Now it's really a platform for delivering — for a company to design, build, and develop their own apps — but on middle office functionality, on a middle office data model.

And no one's doing that. SAP has their tools to extend their application suites. Salesforce has the config tools to extend theirs. In this middle office, nobody has this.

So in this middle office, we've taken the clouds, we've built our applications, we've got these unique technology things, and we've put an SDK on the top, and we're branding that as Omni.

AI, IBM and Full Spectrum CPQ

Also announced at the conference this week is a new guise for the Apttus platform's AI capabilities. Previously presented as Max, a female avatar, the AI component is now Max Proactive, a disembodied conversational assistant that presents simply as an icon in the Omni platform. Max Proactive uses machine learning and other AI resources to alert users to take actions, automatically perform routine processes, or suggest steps to enhance performance.

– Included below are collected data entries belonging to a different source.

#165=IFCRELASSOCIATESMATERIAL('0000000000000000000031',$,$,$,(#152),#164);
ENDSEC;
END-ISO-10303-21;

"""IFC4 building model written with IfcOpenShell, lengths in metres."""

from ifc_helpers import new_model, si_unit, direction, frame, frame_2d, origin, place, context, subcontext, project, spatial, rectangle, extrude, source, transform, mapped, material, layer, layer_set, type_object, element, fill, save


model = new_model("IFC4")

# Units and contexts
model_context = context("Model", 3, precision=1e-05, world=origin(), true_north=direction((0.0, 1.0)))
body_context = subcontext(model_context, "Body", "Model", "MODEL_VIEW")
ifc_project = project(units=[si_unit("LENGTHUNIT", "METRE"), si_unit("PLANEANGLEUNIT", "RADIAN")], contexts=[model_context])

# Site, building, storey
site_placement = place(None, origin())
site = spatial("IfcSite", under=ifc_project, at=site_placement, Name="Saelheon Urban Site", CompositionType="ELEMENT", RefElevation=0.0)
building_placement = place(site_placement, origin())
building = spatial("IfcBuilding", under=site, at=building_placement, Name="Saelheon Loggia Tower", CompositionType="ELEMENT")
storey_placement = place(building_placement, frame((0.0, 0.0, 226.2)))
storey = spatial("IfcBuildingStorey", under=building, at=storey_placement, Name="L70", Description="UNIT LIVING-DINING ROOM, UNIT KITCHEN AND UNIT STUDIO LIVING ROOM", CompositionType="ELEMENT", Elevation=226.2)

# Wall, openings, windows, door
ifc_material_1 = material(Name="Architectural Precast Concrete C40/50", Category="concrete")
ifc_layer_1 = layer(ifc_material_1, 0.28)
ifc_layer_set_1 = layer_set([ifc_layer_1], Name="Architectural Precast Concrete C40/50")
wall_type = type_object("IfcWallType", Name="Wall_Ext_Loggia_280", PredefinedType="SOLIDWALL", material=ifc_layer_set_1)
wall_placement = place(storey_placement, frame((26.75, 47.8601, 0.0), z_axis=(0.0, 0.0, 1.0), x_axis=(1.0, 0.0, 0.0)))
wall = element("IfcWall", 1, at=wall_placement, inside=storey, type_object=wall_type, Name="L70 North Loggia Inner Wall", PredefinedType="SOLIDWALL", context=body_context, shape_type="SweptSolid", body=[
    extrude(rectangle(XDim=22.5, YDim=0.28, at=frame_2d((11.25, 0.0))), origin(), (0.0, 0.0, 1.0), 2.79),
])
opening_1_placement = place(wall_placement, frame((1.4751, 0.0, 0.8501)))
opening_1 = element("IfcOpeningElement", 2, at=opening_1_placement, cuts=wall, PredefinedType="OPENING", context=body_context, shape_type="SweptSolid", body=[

The event also saw Apttus increase its ties with IBM, with an announcement that its configure price quote (CPQ), contract lifecycle management (CLM) and Max AI will now be available running on the IBM Cloud for IBM customers.

At the same time, Apttus has updated its CPQ offering to provide seamless configuration and combination of product sales, subscription billing and services contracts in a single quote. Called Full Spectrum CPQ, this blending of products, services and subscriptions is designed to meet the needs of enterprises that are increasingly bundling products with services, or even providing products such as computing or industrial equipment as part of a continuous service contract, billed on a pay-as-you-go subscription — often called the Everything-as-a-Service (XaaS) model.

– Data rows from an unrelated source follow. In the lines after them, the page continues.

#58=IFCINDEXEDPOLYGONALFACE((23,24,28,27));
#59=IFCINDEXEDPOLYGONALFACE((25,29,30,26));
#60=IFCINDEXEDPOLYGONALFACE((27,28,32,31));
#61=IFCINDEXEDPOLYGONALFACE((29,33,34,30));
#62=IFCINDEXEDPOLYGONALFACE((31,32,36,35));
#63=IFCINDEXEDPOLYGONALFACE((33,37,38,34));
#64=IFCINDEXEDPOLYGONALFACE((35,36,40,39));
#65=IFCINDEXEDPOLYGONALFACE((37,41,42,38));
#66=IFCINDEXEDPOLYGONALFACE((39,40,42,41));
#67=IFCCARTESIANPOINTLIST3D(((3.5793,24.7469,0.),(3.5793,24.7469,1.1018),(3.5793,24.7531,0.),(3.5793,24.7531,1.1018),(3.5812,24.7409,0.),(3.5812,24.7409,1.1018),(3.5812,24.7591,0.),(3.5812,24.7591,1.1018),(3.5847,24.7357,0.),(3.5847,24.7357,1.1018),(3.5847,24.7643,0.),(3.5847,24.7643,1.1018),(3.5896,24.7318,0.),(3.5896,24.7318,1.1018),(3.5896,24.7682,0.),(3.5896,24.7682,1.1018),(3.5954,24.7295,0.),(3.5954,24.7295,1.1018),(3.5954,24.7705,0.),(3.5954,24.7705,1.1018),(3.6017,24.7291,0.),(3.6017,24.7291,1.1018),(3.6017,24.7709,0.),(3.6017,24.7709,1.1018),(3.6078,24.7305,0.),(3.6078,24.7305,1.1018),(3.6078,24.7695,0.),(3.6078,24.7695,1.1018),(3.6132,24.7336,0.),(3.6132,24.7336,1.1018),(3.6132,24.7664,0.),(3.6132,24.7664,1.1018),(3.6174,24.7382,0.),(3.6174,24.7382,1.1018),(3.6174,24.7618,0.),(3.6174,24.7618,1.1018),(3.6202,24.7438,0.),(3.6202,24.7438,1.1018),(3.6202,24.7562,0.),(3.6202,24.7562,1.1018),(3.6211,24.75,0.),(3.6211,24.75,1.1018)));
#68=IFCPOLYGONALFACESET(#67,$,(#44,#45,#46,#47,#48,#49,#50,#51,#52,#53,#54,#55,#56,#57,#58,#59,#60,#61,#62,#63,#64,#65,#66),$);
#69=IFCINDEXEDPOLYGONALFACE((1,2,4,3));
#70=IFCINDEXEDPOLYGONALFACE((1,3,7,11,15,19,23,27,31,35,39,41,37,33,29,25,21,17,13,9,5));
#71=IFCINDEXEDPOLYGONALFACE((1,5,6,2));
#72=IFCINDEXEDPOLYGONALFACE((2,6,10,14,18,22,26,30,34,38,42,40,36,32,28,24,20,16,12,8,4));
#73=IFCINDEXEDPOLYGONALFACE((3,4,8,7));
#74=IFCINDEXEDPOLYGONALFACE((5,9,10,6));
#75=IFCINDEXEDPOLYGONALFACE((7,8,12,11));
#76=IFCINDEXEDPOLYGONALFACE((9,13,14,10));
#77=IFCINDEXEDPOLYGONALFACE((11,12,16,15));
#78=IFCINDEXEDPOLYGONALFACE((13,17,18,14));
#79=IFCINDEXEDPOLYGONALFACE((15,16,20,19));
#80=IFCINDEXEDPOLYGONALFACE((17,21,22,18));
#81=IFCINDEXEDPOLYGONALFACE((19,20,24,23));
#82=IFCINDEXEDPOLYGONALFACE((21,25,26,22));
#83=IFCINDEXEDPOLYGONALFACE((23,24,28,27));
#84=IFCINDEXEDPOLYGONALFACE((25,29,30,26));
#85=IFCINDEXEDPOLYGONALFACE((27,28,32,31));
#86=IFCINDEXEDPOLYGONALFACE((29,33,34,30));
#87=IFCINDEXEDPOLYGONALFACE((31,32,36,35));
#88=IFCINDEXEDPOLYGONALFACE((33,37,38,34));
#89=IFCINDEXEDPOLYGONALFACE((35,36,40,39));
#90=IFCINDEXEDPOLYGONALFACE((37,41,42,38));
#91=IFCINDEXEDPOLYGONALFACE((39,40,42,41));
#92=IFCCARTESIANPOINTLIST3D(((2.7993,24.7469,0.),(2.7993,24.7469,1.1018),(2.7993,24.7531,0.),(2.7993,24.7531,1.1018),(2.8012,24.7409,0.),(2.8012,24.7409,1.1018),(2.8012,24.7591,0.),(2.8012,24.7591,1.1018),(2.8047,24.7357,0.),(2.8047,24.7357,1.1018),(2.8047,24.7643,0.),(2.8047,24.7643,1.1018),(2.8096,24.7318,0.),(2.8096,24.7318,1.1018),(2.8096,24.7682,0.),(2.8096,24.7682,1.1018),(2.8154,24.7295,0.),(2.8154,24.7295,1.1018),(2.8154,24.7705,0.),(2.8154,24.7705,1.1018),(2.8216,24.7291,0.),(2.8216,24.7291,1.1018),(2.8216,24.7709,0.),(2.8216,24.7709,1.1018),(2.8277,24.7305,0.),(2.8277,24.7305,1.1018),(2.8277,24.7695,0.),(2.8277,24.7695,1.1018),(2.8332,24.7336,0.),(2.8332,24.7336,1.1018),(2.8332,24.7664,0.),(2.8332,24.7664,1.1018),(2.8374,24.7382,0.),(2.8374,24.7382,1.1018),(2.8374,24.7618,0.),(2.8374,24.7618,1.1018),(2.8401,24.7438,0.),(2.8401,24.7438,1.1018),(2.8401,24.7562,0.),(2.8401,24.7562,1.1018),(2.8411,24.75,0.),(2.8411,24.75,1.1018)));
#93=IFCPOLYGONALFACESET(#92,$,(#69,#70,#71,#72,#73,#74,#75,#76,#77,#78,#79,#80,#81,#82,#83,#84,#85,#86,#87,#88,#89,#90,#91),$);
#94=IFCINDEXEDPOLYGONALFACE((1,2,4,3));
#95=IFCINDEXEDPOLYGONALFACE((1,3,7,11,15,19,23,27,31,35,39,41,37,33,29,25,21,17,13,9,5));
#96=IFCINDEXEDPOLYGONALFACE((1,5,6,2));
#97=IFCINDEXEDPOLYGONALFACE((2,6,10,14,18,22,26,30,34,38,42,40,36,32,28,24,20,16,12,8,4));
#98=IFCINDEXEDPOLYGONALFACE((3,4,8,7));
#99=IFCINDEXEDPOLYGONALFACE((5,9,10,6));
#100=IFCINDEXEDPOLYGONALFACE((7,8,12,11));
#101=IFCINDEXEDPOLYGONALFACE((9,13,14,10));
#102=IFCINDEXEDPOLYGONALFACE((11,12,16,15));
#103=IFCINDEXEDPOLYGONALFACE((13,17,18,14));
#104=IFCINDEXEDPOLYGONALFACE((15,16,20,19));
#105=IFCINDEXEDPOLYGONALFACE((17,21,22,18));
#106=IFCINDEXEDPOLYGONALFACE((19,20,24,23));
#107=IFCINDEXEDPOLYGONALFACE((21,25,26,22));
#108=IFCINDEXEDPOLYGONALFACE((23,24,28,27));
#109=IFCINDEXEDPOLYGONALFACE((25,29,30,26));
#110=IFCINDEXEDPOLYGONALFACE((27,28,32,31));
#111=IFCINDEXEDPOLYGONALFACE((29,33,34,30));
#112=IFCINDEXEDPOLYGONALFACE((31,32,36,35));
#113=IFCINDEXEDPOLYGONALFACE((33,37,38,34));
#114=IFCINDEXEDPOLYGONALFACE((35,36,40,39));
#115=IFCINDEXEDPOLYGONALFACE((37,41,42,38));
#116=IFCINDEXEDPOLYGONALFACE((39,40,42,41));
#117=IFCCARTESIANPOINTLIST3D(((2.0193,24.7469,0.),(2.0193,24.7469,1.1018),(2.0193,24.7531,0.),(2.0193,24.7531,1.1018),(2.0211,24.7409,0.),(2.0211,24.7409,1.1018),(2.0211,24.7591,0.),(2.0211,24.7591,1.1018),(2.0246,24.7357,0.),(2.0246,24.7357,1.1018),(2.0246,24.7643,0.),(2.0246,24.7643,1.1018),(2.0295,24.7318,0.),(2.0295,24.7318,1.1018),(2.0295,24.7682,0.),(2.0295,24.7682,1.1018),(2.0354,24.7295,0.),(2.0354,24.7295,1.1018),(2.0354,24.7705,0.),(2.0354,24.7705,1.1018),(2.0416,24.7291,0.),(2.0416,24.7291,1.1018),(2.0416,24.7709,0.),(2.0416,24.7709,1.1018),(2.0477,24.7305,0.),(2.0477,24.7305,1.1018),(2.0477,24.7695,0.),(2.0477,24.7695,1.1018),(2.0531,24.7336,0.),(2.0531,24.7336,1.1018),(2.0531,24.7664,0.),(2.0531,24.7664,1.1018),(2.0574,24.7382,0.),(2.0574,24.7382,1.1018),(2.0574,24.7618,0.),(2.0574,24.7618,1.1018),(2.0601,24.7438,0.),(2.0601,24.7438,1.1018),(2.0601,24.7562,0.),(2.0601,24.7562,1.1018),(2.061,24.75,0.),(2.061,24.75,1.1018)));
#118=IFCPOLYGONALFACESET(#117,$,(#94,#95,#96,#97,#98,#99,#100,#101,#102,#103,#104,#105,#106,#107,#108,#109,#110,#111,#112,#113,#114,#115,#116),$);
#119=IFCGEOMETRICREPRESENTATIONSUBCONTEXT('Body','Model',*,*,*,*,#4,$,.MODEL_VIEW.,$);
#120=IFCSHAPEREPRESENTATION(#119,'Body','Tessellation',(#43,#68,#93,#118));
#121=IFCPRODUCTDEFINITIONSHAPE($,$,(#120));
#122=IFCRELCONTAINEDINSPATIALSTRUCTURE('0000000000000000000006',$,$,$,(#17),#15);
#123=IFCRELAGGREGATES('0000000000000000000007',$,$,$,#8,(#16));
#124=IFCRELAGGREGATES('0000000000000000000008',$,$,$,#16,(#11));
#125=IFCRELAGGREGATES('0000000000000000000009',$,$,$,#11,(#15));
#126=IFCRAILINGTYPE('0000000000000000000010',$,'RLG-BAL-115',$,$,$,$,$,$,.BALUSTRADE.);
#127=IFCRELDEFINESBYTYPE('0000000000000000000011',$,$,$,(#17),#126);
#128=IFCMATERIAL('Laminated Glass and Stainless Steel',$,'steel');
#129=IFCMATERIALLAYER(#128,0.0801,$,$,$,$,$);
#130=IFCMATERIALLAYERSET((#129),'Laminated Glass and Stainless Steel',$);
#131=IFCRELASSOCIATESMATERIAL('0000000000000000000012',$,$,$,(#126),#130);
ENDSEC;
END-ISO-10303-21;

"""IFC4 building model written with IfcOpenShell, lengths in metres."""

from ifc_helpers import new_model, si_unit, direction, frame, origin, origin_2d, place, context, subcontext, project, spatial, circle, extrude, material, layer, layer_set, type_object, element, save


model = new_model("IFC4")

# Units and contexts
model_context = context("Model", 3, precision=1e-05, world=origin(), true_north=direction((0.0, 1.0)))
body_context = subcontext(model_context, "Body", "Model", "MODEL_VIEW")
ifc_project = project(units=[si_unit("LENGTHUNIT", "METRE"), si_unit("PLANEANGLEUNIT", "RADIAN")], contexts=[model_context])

This is a combination that's increasingly in demand as businesses turn to as-a-service models, but it's not supported by traditional CPQ tools, says Krappe:

Selling services through a CPQ-type tool is very demanding. With your standard CPQ tools, you can't sell services because services can add a whole set of soft components to them.

How do you quote/configure a service offering where there's a soft component? And being able to juggle the two, and if you give a discount here you can play with the elements, you can change scope and then you can add other things?

Full-Spectrum CPQ combines subscription products, professional services, aftermarket services and advanced product configurations in a way that future-proofs customers' sales processes, adds Brion Schweers, General Manager of CPQ at Apttus:

[It] helps customers accelerate the execution of their revenue-generating sales processes in a modern-day SaaS and service-based environments.

My take

We've highlighted the emerging significance of the middle office in previous diginomica coverage. We've also written extensively about the rise of Everything-as-a-Service and the XaaS Effect. This is a new way of doing business that requires a new kind of platform, and Apttus is capturing those needs with a unique proposition that does seem to be distinctive in the marketplace.

The decision to position Apttus as a peer and rival to the likes of Salesforce and SAP does ratchet up the stakes in a big way. But some of the customer engagements Apttus is now capturing do seem to bear out its contention that this is a distinct platform opportunity that with sophisticated requirements that it is well-placed to fulfill.

We've already spoken to companies facing similar transitions as part of our XaaS coverage and there's no doubt that this business model demands a more flexible approach than traditional systems have been able to support. We were not able to attend this year's Accelerate event in person and speak to Apttus customers about the challenges they face as they adjust their business models to an XaaS model, but we look forward to following up on their stories in future coverage.